# Can Lieutenant Dan Survive with 1.5 legs?



## Dartania (May 15, 2013)

Hi all, I"m back to the wonderful world of mantids after a 6 year break to do the mom thing. I got my first mantis, a beautiful lil' L2 ghost , which I've had and bred back in the day, so I am familiar with. He molted immediately and somehow lost two back legs, and half of one front leg!! (hence the name Lieutenant Dan)

I am now trembling in fear for his next molt since they always use their back legs to hold on to the molting branch. He has NO BACK LEGS!! I'm scared he will fall during molting- and it will be much worse. I read the thread about the tape, but as of now he only has the one good leg. I think it would come off if i taped it.

He is eating just fine and seems alert and healthy otherwise.

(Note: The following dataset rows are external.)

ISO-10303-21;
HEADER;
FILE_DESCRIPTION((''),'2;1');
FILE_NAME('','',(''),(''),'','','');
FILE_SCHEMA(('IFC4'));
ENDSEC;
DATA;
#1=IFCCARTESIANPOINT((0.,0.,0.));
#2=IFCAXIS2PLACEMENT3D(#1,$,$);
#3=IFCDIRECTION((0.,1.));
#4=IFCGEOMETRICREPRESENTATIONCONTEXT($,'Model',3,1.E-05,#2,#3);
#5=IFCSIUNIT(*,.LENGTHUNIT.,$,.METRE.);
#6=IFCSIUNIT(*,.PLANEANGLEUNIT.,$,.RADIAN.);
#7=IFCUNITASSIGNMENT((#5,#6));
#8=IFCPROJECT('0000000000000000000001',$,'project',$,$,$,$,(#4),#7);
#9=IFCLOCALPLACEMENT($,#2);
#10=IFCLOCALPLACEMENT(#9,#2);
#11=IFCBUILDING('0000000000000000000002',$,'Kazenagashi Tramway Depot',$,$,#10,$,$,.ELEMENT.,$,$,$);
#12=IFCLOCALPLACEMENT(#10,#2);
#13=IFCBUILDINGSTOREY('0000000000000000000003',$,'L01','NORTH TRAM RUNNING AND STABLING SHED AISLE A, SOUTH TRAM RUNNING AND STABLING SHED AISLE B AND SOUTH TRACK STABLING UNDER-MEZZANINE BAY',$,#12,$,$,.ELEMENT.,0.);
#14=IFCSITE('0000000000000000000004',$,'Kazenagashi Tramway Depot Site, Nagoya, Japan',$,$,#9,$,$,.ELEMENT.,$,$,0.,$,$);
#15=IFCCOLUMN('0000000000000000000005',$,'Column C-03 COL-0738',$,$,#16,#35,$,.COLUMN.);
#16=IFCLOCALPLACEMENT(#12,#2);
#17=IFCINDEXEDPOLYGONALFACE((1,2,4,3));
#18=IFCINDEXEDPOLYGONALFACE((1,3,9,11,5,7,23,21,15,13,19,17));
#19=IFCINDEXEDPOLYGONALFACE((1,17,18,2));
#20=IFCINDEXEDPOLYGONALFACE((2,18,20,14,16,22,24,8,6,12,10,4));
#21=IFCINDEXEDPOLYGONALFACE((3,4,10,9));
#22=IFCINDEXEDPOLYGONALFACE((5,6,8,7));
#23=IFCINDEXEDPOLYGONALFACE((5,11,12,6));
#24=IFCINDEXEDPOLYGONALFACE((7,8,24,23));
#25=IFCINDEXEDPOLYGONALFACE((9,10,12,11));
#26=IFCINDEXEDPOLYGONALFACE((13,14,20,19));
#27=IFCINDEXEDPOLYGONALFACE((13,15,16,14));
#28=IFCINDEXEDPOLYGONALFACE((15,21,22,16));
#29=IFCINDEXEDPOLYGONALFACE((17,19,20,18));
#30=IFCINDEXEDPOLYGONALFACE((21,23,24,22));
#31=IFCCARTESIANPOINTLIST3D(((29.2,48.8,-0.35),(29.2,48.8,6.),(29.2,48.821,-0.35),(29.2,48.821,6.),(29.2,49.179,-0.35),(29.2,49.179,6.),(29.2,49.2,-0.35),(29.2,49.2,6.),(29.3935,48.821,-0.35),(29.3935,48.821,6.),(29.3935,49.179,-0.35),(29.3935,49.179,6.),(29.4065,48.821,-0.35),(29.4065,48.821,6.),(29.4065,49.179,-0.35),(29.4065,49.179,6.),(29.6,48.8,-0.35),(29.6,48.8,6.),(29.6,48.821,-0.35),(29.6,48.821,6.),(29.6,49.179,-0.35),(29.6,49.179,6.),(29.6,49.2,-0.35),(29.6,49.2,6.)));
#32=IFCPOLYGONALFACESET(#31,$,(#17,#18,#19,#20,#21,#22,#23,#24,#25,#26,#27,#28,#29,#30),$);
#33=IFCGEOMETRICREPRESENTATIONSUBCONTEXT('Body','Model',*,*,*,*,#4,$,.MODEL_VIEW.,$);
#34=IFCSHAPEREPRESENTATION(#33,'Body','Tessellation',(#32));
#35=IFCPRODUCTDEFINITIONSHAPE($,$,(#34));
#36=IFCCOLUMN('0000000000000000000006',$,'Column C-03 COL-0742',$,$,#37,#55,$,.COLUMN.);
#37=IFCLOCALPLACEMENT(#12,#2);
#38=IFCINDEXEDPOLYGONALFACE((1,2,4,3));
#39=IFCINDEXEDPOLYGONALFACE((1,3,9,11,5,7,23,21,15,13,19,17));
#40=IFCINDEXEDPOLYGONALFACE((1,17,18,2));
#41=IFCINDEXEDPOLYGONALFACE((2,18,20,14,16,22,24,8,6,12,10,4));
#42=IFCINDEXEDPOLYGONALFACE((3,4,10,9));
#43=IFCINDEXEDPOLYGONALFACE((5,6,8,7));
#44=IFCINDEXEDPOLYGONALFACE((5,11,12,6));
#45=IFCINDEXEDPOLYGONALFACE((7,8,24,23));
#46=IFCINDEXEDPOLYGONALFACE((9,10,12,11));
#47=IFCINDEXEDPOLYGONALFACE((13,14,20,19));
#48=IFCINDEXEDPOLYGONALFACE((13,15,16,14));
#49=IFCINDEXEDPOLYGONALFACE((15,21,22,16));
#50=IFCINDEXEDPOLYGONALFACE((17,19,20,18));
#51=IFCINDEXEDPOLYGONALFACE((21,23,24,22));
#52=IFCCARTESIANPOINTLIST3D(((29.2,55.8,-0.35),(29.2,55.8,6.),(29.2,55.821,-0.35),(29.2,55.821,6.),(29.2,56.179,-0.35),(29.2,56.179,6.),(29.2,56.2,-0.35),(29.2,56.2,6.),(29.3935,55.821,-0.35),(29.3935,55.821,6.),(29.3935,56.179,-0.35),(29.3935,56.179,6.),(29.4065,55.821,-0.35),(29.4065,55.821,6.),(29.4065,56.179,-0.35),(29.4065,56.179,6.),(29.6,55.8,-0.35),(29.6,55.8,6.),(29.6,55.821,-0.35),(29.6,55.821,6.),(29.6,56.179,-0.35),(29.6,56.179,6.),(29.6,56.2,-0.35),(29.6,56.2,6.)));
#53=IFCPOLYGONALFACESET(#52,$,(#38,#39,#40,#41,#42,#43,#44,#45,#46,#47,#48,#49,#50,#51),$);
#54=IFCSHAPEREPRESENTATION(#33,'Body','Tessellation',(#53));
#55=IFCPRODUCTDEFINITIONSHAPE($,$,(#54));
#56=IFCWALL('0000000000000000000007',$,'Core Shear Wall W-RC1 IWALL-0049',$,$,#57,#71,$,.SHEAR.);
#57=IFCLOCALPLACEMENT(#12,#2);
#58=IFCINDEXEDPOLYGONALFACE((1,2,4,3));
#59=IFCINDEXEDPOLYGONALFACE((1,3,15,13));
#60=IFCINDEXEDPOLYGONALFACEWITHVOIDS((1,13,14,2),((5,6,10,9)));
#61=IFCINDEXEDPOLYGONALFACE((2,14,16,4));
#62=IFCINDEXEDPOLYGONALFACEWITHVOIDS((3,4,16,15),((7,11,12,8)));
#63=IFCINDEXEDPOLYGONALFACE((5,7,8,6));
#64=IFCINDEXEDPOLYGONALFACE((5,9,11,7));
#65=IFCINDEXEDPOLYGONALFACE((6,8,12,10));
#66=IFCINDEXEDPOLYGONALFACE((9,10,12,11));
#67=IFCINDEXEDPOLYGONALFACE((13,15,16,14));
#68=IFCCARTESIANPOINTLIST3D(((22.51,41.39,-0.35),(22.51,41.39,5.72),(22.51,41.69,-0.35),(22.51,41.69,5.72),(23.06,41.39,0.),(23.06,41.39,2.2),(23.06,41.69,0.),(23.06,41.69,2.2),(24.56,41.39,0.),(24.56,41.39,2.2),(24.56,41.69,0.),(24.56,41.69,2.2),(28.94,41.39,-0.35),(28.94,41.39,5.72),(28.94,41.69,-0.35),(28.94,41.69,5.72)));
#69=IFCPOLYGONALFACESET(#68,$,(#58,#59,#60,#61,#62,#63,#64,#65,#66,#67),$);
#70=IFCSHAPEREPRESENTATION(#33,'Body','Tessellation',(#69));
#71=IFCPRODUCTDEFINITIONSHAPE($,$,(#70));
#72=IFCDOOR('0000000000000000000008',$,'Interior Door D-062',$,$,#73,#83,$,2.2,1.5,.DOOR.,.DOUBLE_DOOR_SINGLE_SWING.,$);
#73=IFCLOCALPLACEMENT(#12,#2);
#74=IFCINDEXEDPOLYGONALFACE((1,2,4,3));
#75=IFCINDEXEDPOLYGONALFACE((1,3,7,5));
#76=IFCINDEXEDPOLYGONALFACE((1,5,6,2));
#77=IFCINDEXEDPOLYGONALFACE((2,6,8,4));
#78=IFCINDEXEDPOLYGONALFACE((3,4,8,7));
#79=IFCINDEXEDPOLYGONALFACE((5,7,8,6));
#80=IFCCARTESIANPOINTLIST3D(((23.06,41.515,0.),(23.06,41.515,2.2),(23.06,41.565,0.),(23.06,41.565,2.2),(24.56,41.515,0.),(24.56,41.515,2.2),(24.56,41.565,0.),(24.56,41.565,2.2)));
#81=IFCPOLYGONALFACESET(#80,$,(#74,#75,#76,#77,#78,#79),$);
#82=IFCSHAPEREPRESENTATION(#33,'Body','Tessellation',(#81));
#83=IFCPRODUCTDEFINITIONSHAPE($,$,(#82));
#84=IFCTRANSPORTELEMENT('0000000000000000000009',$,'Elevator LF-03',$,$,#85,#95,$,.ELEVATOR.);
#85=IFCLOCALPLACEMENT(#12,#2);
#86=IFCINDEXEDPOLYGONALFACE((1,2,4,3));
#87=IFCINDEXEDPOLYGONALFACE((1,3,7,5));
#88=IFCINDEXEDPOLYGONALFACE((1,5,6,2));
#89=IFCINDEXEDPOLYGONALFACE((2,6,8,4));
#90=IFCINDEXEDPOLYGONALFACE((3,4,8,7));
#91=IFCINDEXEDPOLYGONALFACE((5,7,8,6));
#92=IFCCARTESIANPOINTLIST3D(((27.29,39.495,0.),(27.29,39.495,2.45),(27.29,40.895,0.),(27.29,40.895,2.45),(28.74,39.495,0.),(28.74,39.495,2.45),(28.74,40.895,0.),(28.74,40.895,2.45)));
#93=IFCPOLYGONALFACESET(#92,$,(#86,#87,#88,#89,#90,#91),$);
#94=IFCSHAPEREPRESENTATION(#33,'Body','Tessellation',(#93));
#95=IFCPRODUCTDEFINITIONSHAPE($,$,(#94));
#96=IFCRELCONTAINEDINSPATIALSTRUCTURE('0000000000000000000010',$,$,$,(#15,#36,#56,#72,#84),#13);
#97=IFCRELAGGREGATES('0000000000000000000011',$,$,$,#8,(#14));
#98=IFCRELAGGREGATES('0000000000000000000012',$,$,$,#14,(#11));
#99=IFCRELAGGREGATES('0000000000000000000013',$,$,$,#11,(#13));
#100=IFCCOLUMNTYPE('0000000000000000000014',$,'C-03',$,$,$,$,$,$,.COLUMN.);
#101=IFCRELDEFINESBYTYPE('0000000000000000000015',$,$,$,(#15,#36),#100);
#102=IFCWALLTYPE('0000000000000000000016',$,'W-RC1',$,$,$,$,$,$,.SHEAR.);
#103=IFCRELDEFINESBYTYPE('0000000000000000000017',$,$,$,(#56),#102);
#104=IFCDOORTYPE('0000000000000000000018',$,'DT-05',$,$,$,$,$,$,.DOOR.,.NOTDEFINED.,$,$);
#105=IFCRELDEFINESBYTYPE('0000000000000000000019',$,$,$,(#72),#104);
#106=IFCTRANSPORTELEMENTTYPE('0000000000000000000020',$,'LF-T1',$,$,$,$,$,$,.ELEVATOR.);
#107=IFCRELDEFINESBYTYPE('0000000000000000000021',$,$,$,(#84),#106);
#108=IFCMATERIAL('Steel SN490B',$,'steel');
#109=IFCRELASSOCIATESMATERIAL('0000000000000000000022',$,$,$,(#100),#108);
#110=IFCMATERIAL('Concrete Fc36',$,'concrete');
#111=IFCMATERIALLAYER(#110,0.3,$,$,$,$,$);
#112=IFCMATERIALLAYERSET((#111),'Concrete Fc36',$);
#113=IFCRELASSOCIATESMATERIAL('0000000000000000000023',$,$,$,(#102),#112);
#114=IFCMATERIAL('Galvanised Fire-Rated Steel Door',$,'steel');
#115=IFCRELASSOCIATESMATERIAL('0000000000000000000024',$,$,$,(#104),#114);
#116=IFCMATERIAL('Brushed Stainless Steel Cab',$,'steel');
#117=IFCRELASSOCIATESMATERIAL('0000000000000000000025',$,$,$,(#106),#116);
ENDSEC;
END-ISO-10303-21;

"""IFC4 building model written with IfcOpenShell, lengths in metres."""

from ifc_helpers import new_model, si_unit, direction, frame, frame_2d, origin, origin_2d, place, context, subcontext, project, spatial, rectangle, i_section, extrude, material, layer, layer_set, material_profile, profile_set, type_object, element, fill, save


model = new_model("IFC4")

# Units and contexts
model_context = context("Model", 3, precision=1e-05, world=origin(), true_north=direction((0.0, 1.0)))
body_context = subcontext(model_context, "Body", "Model", "MODEL_VIEW")
ifc_project = project(units=[si_unit("LENGTHUNIT", "METRE"), si_unit("PLANEANGLEUNIT", "RADIAN")], contexts=[model_context])

# Site, building, storey
site_placement = place(None, origin())
site = spatial("IfcSite", under=ifc_project, at=site_placement, Name="Kazenagashi Tramway Depot Site, Nagoya, Japan", CompositionType="ELEMENT", RefElevation=0.0)
building_placement = place(site_placement, origin())
building = spatial("IfcBuilding", under=site, at=building_placement, Name="Kazenagashi Tramway Depot", CompositionType="ELEMENT")
storey_placement = place(building_placement, origin())
storey = spatial("IfcBuildingStorey", under=building, at=storey_placement, Name="L01", Description="NORTH TRAM RUNNING AND STABLING SHED AISLE A, SOUTH TRAM RUNNING AND STABLING SHED AISLE B AND SOUTH TRACK STABLING UNDER-MEZZANINE BAY", CompositionType="ELEMENT", Elevation=0.0)

# Columns
ifc_material_1 = material(Name="Steel SN490B", Category="steel")
ifc_material_profile_1 = material_profile(ifc_material_1, i_section(OverallWidth=0.4, OverallDepth=0.4, WebThickness=0.013, FlangeThickness=0.021, at=origin_2d()), Name="H-400x400x13x21")
ifc_profile_set_1 = profile_set([ifc_material_profile_1], Name="Steel SN490B")
column_type = type_object("IfcColumnType", Name="C-03", PredefinedType="COLUMN", material=ifc_profile_set_1)
for number, where, z_axis, x_axis, name in (
    (1, (29.4, 49.0, -0.35), (0.0, 0.0, 1.0), (1.0, 0.0, 0.0), "Column C-03 COL-0738"),
    (2, (29.4, 56.0, -0.35), (0.0, 0.0, 1.0), (1.0, 0.0, 0.0), "Column C-03 COL-0742"),
):
    element("IfcColumn", number, at=place(storey_placement, frame(where, z_axis=z_axis, x_axis=x_axis)), inside=storey, type_object=column_type, Name=name, PredefinedType="COLUMN", context=body_context, shape_type="SweptSolid", body=[
        extrude(i_section(OverallWidth=0.4, OverallDepth=0.4, WebThickness=0.013, FlangeThickness=0.021, at=origin_2d()), origin(), (0.0, 0.0, 1.0), 6.35),
    ])

# Wall, opening, door
ifc_material_2 = material(Name="Concrete Fc36", Category="concrete")
ifc_layer = layer(ifc_material_2, 0.3)
ifc_layer_set = layer_set([ifc_layer], Name="Concrete Fc36")
wall_type = type_object("IfcWallType", Name="W-RC1", PredefinedType="SHEAR", material=ifc_layer_set)
wall_placement = place(storey_placement, frame((22.51, 41.54, -0.35), z_axis=(0.0, 0.0, 1.0), x_axis=(1.0, 0.0, 0.0)))
wall = element("IfcWall", 3, at=wall_placement, inside=storey, type_object=wall_type, Name="Core Shear Wall W-RC1 IWALL-0049", PredefinedType="SHEAR", context=body_context, shape_type="SweptSolid", body=[
    extrude(rectangle(XDim=6.43, YDim=0.3, at=frame_2d((3.215, 0.0))), origin(), (0.0, 0.0, 1.0), 6.07),
])
opening_placement = place(wall_placement, frame((0.55, 0.0, 0.35)))
opening = element("IfcOpeningElement", 4, at=opening_placement, cuts=wall, PredefinedType="OPENING", context=body_context, shape_type="SweptSolid", body=[
    extrude(rectangle(XDim=1.5, YDim=2.2, at=frame_2d((0.75, 1.1))), frame((0.0, 0.16, 0.0), z_axis=(0.0, -1.0, 0.0), x_axis=(1.0, 0.0, 0.0)), (0.0, 0.0, 1.0), 0.32),
])
ifc_material_3 = material(Name="Galvanised Fire-Rated Steel Door", Category="steel")
door_type = type_object("IfcDoorType", Name="DT-05", OperationType="NOTDEFINED", PredefinedType="DOOR", material=ifc_material_3)
door_placement = place(opening_placement, origin())
door = element("IfcDoor", 5, at=door_placement, inside=storey, type_object=door_type, Name="Interior Door D-062", OperationType="DOUBLE_DOOR_SINGLE_SWING", OverallHeight=2.2, OverallWidth=1.5, PredefinedType="DOOR", context=body_context, shape_type="SweptSolid", body=[
    extrude(rectangle(XDim=1.5, YDim=2.2, at=frame_2d((0.75, 1.1))), frame((0.0, 0.025, 0.0), z_axis=(0.0, -1.0, 0.0), x_axis=(1.0, 0.0, 0.0)), (0.0, 0.0, 1.0), 0.05),
])
fill(opening, door)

Any suggestions? Has this happened to anyone before and what was the outcome? Will he get new sea legs?!

Please help!!


----------



## OctoberRainne (May 15, 2013)

In order for new parts to grow it will need to be able to hang and molt properly which I'm not sure it will be able to with so few legs :\ That is the down fall to bad molts,even if you are able to feed him and retack him somehow I don't think it would be enough sadly,just too much in need of fixing it sounds like


----------



## jrh3 (May 15, 2013)

who did you buy him from cause they shouldnt send a nymph if it was about to molt. maybe ask for a replacement. on the other part olny time will tell. good luck.


----------



## hibiscusmile (May 15, 2013)

maybe they did not know it was gonna molt! hey, I tried this method and it may work, I find the tape does not hold them, Look for a nice spider web and use it to hold his good leg in when he is about to molt, hopefully it will hold him.


----------



## Paradoxica (May 15, 2013)

I've never tried this but I recall Rebecca recommending this technique for a mantis that falls mid- molt: Take a small amount of spiderweb and use it to hang the mantis in the appropriate position to molt. I realize your circumstance is different but it seems to me that it would work.


----------



## Paradoxica (May 15, 2013)

Well just as I post that, we get it straight from the source!


----------



## agent A (May 15, 2013)

Youd be surprised at what they can survive

Its possible...


----------



## Krissim Klaw (May 15, 2013)

jrh3 said:


> who did you buy him from cause they shouldnt send a nymph if it was about to molt. maybe ask for a replacement. on the other part olny time will tell. good luck.


I imagine that wouldn't be hard to do if you were only ordering one nymph but most people get more than one and it isn't like all nymphs agree to shed at the same time. This is why in my opinion, most of the good breeders tend to ship out extras with the order to allow for the potential mishaps that can occur along the way. A well packaged container can also do wonders. Little nymphs are pretty light and they tend to shed well even in transit as long as they are packaged well.

As for the chances of survival, like Agent A I am not quick to write them off. Feed the little one. supply lots of texture and angled surfaces for the nymph to cling to and he might very well surprise us all.


----------



## Dartania (May 15, 2013)

Thanks for all the replies! I am going to try the spider web idea- genius who ever thought of it. Yeah, I should've gone with someone I trusted from back when, but I didn't, so yes, I only got one. I guess that makes this lil guy that much more special!

i will post the result of what happens. :shifty:


----------



## thalassarche (May 15, 2013)

Good luck to Lt. Dan! Hopefully the spiderweb method will work!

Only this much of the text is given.